Young men aren’t gravitating toward Fuentes because he offers them a model for a healthy political future. They aren’t attracted to him because his worldview is correct or constructive. They listen because he speaks to their anger, their loss of trust, and their belief that the leaders and institutions shaping American life no longer work in their interest.
This distrust didn’t come out of nowhere.
For decades, political, financial, and media institutions have made decisions that hollowed out communities, dismissed young men’s concerns, and created a sense that the country is being run by unaccountable elites who never pay the price for their failures. Many young people now feel that their future is being decided without their participation—or even their acknowledgment.
Nick Fuentes’s rhetoric taps into that resentment.

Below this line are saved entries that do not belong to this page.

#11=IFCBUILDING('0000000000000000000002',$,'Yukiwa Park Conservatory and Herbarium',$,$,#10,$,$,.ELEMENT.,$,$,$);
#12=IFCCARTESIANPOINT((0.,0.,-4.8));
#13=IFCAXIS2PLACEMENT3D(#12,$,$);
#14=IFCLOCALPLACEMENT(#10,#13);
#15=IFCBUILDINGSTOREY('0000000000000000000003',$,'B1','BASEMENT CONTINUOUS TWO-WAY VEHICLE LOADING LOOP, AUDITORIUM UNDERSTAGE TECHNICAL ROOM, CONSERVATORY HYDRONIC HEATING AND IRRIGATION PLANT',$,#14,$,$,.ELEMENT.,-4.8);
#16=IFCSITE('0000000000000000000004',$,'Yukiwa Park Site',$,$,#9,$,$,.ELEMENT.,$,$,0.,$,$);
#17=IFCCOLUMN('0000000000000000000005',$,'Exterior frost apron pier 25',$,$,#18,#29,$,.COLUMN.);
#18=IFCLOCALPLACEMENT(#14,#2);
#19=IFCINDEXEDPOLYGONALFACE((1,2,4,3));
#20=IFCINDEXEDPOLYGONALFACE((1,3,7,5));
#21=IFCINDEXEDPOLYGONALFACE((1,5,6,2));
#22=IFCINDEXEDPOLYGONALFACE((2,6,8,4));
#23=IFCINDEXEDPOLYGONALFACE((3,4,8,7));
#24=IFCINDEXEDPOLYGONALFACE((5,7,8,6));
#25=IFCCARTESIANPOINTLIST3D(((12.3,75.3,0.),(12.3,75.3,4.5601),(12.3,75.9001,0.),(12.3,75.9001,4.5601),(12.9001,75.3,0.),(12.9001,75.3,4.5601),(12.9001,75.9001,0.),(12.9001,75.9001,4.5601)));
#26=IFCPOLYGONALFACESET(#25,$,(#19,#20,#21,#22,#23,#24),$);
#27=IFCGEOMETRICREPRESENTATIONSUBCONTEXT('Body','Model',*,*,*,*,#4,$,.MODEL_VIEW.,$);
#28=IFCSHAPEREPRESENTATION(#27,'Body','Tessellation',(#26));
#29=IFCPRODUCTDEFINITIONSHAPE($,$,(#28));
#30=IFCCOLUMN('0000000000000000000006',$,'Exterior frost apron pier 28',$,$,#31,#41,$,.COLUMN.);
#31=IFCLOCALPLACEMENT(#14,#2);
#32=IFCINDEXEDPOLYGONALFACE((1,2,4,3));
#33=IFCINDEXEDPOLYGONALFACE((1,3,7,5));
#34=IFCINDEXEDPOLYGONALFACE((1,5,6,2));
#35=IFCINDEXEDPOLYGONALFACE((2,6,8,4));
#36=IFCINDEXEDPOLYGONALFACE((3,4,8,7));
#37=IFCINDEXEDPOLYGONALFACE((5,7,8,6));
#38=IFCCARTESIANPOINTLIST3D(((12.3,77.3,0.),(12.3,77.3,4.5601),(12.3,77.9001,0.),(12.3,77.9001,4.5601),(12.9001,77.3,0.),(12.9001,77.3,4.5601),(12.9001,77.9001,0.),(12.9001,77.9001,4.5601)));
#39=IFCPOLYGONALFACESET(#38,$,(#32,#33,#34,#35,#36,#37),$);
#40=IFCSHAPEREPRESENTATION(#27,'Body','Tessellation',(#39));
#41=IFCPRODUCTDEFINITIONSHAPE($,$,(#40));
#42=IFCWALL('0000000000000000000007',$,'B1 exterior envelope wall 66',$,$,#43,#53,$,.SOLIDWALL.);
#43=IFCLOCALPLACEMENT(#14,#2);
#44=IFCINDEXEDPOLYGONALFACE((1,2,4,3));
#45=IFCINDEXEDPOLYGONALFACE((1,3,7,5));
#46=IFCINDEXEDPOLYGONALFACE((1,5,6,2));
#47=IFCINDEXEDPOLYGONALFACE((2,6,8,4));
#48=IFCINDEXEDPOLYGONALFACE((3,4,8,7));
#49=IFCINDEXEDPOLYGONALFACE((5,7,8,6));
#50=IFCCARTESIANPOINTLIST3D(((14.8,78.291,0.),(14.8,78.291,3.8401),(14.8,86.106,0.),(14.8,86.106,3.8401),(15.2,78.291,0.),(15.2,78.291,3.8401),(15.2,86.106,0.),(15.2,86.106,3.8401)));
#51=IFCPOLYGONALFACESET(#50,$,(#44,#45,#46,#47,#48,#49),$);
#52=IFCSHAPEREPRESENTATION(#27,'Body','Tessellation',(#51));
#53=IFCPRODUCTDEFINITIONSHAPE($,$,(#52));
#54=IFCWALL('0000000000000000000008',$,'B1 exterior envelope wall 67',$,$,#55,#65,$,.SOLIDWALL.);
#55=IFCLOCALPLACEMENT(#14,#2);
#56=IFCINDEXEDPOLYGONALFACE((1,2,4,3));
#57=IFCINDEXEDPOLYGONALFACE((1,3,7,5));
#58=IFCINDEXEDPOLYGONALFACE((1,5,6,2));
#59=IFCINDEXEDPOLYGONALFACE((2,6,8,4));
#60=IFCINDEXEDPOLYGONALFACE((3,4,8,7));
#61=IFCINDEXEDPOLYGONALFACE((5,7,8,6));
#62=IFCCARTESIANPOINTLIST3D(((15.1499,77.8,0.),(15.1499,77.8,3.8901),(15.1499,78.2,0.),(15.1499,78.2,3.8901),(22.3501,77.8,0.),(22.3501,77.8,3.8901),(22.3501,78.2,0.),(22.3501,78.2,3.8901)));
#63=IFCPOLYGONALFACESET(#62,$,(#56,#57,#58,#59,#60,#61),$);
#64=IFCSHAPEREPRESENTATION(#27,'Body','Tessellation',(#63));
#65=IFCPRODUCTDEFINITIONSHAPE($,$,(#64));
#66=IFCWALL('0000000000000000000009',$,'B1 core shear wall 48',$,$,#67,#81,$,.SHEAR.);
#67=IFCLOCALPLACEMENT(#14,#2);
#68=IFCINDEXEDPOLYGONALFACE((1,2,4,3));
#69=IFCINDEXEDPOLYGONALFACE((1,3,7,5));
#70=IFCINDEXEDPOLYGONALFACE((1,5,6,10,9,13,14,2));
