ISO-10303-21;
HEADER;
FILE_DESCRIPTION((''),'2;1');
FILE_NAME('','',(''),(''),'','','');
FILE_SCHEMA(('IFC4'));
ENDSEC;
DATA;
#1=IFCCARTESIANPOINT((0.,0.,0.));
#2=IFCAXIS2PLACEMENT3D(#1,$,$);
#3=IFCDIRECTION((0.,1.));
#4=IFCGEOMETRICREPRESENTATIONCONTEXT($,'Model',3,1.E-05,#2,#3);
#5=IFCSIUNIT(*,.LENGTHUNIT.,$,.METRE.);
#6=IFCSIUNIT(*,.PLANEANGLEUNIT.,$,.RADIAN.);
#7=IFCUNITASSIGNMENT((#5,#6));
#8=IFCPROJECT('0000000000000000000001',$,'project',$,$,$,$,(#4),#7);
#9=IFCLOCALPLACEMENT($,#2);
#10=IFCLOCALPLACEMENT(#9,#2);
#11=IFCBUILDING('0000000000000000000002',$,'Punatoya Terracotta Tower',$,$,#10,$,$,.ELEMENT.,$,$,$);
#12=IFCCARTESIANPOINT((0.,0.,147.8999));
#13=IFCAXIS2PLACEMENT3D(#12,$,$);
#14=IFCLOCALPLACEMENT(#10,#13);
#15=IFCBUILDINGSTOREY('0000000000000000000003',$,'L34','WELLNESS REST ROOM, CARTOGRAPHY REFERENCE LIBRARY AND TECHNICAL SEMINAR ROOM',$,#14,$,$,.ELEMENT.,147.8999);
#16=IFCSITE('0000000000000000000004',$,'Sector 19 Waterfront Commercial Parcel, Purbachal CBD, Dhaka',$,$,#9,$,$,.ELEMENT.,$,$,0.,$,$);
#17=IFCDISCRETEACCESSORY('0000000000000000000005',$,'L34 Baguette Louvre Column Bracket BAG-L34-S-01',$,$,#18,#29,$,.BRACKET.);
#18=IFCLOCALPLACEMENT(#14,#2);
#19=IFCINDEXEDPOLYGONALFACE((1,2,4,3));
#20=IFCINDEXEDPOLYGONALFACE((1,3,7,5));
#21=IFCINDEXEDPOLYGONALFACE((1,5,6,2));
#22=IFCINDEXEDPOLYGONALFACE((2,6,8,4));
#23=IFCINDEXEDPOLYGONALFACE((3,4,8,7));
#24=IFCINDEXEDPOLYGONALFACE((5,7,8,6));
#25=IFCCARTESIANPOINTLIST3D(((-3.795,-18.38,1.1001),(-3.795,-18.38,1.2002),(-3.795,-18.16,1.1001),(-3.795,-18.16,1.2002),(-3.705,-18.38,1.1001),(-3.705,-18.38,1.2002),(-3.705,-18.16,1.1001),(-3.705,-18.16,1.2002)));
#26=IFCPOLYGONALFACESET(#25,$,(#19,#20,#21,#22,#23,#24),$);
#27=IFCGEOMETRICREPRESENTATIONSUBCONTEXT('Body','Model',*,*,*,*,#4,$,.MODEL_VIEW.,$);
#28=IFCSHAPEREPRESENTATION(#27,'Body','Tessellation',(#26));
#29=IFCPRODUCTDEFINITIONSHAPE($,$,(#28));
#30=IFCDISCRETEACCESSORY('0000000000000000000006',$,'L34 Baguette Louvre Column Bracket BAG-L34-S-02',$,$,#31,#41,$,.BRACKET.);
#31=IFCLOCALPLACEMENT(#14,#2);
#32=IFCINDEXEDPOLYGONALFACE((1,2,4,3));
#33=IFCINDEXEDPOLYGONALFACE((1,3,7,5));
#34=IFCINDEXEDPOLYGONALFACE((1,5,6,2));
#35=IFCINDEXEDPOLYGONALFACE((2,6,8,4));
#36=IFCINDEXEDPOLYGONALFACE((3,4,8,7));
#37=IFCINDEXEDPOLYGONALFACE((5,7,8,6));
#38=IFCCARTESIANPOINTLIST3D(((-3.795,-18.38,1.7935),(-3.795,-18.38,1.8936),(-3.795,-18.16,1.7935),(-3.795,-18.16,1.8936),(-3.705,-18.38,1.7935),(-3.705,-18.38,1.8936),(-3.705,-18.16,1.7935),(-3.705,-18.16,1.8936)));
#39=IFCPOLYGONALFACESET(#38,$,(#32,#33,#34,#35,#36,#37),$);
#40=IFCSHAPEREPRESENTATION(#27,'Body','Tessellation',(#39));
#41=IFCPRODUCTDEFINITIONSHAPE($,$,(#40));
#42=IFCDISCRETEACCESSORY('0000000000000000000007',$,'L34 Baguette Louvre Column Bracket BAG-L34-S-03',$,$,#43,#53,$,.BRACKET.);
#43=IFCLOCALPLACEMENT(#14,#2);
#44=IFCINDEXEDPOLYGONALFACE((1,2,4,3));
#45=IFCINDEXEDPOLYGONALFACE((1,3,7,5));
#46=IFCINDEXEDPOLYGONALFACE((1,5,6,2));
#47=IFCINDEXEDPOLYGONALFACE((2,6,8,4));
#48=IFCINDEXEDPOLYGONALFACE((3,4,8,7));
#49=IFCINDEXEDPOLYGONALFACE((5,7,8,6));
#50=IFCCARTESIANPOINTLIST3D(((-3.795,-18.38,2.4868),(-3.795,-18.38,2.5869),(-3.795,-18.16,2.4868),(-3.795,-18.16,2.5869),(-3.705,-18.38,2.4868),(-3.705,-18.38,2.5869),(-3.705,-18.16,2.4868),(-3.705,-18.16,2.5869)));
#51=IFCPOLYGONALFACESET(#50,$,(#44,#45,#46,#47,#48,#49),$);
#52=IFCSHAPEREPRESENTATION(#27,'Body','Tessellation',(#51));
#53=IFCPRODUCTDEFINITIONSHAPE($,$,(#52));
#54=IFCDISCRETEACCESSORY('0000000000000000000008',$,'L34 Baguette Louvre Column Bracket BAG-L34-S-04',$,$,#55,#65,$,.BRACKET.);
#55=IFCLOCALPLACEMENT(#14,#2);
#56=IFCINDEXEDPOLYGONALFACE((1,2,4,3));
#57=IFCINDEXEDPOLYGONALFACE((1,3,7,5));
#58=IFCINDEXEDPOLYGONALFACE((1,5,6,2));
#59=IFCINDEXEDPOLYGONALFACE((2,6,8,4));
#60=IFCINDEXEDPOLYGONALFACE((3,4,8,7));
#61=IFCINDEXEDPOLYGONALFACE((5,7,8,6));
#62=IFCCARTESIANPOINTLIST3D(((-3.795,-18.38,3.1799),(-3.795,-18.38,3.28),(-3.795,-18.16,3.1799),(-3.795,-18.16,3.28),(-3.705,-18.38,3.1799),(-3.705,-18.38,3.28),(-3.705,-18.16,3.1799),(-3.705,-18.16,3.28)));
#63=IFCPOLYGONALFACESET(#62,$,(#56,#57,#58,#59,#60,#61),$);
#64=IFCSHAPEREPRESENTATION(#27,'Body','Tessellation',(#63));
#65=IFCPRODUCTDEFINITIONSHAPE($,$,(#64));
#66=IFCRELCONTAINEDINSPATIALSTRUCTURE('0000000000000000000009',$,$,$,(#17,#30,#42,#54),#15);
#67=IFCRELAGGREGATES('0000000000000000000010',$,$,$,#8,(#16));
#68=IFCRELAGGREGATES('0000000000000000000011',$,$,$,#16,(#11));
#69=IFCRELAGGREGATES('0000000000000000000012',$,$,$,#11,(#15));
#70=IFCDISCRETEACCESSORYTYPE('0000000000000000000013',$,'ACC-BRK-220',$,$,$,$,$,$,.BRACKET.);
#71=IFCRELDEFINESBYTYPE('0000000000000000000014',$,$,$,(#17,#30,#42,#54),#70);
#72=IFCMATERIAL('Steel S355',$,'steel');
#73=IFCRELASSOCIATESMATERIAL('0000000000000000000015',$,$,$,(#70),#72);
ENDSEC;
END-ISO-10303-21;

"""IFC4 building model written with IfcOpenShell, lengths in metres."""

from ifc_helpers import new_model, si_unit, direction, frame, origin, origin_2d, place, context, subcontext, project, spatial, rectangle, extrude, material, type_object, element, save


model = new_model("IFC4")

# Units and contexts
model_context = context("Model", 3, precision=1e-05, world=origin(), true_north=direction((0.0, 1.0)))
body_context = subcontext(model_context, "Body", "Model", "MODEL_VIEW")
ifc_project = project(units=[si_unit("LENGTHUNIT", "METRE"), si_unit("PLANEANGLEUNIT", "RADIAN")], contexts=[model_context])

# Site, building, storey
site_placement = place(None, origin())
site = spatial("IfcSite", under=ifc_project, at=site_placement, Name="Sector 19 Waterfront Commercial Parcel, Purbachal CBD, Dhaka", CompositionType="ELEMENT", RefElevation=0.0)
building_placement = place(site_placement, origin())
building = spatial("IfcBuilding", under=site, at=building_placement, Name="Punatoya Terracotta Tower", CompositionType="ELEMENT")
storey_placement = place(building_placement, frame((0.0, 0.0, 147.8999)))
storey = spatial("IfcBuildingStorey", under=building, at=storey_placement, Name="L34", Description="WELLNESS REST ROOM, CARTOGRAPHY REFERENCE LIBRARY AND TECHNICAL SEMINAR ROOM", CompositionType="ELEMENT", Elevation=147.8999)

# Shared definitions
ifc_material_1 = material(Name="Steel S355", Category="steel")

# Discrete accessories
discrete_accessory_type = type_object("IfcDiscreteAccessoryType", Name="ACC-BRK-220", PredefinedType="BRACKET", material=ifc_material_1)
for number, where, z_axis, x_axis, name in (
    (1, (-3.75, -18.27, 1.1001), (0.0, 0.0, 1.0), (1.0, 0.0, 0.0), "L34 Baguette Louvre Column Bracket BAG-L34-S-01"),
    (2, (-3.75, -18.27, 1.7935), (0.0, 0.0, 1.0), (1.0, 0.0, 0.0), "L34 Baguette Louvre Column Bracket BAG-L34-S-02"),
    (3, (-3.75, -18.27, 2.4868), (0.0, 0.0, 1.0), (1.0, 0.0, 0.0), "L34 Baguette Louvre Column Bracket BAG-L34-S-03"),
    (4, (-3.75, -18.27, 3.1799), (0.0, 0.0, 1.0), (1.0, 0.0, 0.0), "L34 Baguette Louvre Column Bracket BAG-L34-S-04"),
):
    element("IfcDiscreteAccessory", number, at=place(storey_placement, frame(where, z_axis=z_axis, x_axis=x_axis)), inside=storey, type_object=discrete_accessory_type, Name=name, PredefinedType="BRACKET", context=body_context, shape_type="SweptSolid", body=[
        extrude(rectangle(XDim=0.0901, YDim=0.22, at=origin_2d()), origin(), (0.0, 0.0, 1.0), 0.1001),
    ])

save(model, "model.ifc")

He doesn’t fix their problems; he amplifies them. He doesn’t offer solutions; he offers scapegoats. And because mainstream institutions refuse to acknowledge their own role in creating this disillusionment, Fuentes is able to present himself as the only person willing to “say what others won’t.”
That doesn’t make him right—only loud.
Tucker is right about one thing: dismissing these young men with insults will not make the problem go away. But he is wrong to frame Fuentes’s popularity merely as a generational misunderstanding. It is deeper than that. It is structural, political, cultural, and emotional.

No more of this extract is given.